10 Tricks Horror Movies Use To Scare You

8. Showing You As Little As Possible

Mirrors 2008 side by side
Universal

Many a horror has been ruined by showing far too much. The most powerful tool that a filmmaker can use against you is your own imagination, and if they end up making your mind redundant by bombarding you with images then your anxiety levels are going to go way down. When watching a horror movie, it is one of the very few scenarios where you actually want your anxiety levels to stay high.

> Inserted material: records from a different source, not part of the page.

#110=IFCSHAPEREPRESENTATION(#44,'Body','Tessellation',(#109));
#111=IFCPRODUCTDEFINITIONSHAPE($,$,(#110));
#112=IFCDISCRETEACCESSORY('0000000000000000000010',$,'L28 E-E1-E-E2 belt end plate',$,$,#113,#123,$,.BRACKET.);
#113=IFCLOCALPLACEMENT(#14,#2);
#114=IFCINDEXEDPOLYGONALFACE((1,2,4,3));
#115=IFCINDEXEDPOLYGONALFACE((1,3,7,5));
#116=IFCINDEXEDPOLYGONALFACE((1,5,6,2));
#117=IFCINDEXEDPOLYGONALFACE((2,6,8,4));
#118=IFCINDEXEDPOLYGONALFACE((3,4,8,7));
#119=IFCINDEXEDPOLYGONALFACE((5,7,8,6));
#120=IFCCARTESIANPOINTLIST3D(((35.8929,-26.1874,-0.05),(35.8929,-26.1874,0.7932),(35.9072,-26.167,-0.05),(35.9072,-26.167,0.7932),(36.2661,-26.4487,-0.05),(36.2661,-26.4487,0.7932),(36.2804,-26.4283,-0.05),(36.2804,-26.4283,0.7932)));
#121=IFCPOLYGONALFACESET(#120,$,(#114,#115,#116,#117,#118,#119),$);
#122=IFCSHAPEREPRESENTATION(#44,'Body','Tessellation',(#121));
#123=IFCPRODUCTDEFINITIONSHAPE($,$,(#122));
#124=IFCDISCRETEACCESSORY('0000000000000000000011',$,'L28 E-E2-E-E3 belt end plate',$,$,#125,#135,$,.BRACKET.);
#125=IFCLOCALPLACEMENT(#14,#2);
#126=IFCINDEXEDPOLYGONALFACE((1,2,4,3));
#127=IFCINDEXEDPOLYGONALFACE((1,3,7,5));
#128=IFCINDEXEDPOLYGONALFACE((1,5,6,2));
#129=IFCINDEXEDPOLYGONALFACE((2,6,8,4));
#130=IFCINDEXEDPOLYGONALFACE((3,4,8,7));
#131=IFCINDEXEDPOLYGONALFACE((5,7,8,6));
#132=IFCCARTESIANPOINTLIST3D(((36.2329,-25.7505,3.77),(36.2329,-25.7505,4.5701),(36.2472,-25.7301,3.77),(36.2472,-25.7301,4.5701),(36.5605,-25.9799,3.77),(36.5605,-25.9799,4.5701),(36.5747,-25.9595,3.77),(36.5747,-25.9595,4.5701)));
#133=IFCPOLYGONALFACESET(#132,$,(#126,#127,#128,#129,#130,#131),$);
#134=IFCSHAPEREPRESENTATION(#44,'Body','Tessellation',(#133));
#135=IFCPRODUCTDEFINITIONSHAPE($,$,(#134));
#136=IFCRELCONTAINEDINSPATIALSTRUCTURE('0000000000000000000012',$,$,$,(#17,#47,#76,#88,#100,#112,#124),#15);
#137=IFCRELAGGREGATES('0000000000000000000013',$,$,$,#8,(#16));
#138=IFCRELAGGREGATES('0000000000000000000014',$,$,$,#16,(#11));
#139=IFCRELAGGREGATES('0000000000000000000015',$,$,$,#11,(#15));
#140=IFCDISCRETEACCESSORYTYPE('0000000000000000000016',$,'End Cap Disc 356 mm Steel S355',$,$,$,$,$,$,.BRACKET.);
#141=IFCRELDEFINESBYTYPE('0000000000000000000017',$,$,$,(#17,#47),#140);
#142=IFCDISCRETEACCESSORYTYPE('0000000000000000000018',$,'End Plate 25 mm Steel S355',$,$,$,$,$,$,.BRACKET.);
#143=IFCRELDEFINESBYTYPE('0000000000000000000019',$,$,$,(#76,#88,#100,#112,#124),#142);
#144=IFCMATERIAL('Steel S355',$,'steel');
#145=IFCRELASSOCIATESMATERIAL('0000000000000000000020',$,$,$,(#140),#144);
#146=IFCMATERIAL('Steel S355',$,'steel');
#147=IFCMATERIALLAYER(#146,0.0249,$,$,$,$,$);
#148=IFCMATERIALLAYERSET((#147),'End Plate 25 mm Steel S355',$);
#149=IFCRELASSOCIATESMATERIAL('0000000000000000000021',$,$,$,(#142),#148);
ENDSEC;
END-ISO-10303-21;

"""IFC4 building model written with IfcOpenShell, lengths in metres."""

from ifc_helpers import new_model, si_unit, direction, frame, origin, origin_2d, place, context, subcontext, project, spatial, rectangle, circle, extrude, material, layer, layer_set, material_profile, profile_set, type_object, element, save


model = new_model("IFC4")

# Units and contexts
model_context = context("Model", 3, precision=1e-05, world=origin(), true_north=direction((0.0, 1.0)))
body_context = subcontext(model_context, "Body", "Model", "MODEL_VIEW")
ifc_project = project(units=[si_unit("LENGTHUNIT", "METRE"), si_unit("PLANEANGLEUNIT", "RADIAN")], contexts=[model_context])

We all suffer from the fear of the unknown, the anxiety-inducing recognition that there's so much that we don't understand and can't predict. By sparingly showing us what we're meant to be afraid of, filmmakers give us all the wiggle room in the world to build it up in our heads and make everything more scary.

Where films like Scary Stories To Tell In The Dark have failed is that they showed the monsters in full detail for extended periods of time. There's only so long you can look at something 'scary' before your body automatically calms itself down - it's classic conditioning. Plus, there's no way you can look at this guy for more than five seconds and not laugh because he seems to be made out of mashed potato - extra giggles included when you find out he kills people by hugging them to death.

Scary Stories to Tell In the Dark
Scary Stories To Tell In The Dark (Lionsgate)

Monster movies especially have to make careful note of this. Be a Jaws, don't be a mashed potato man.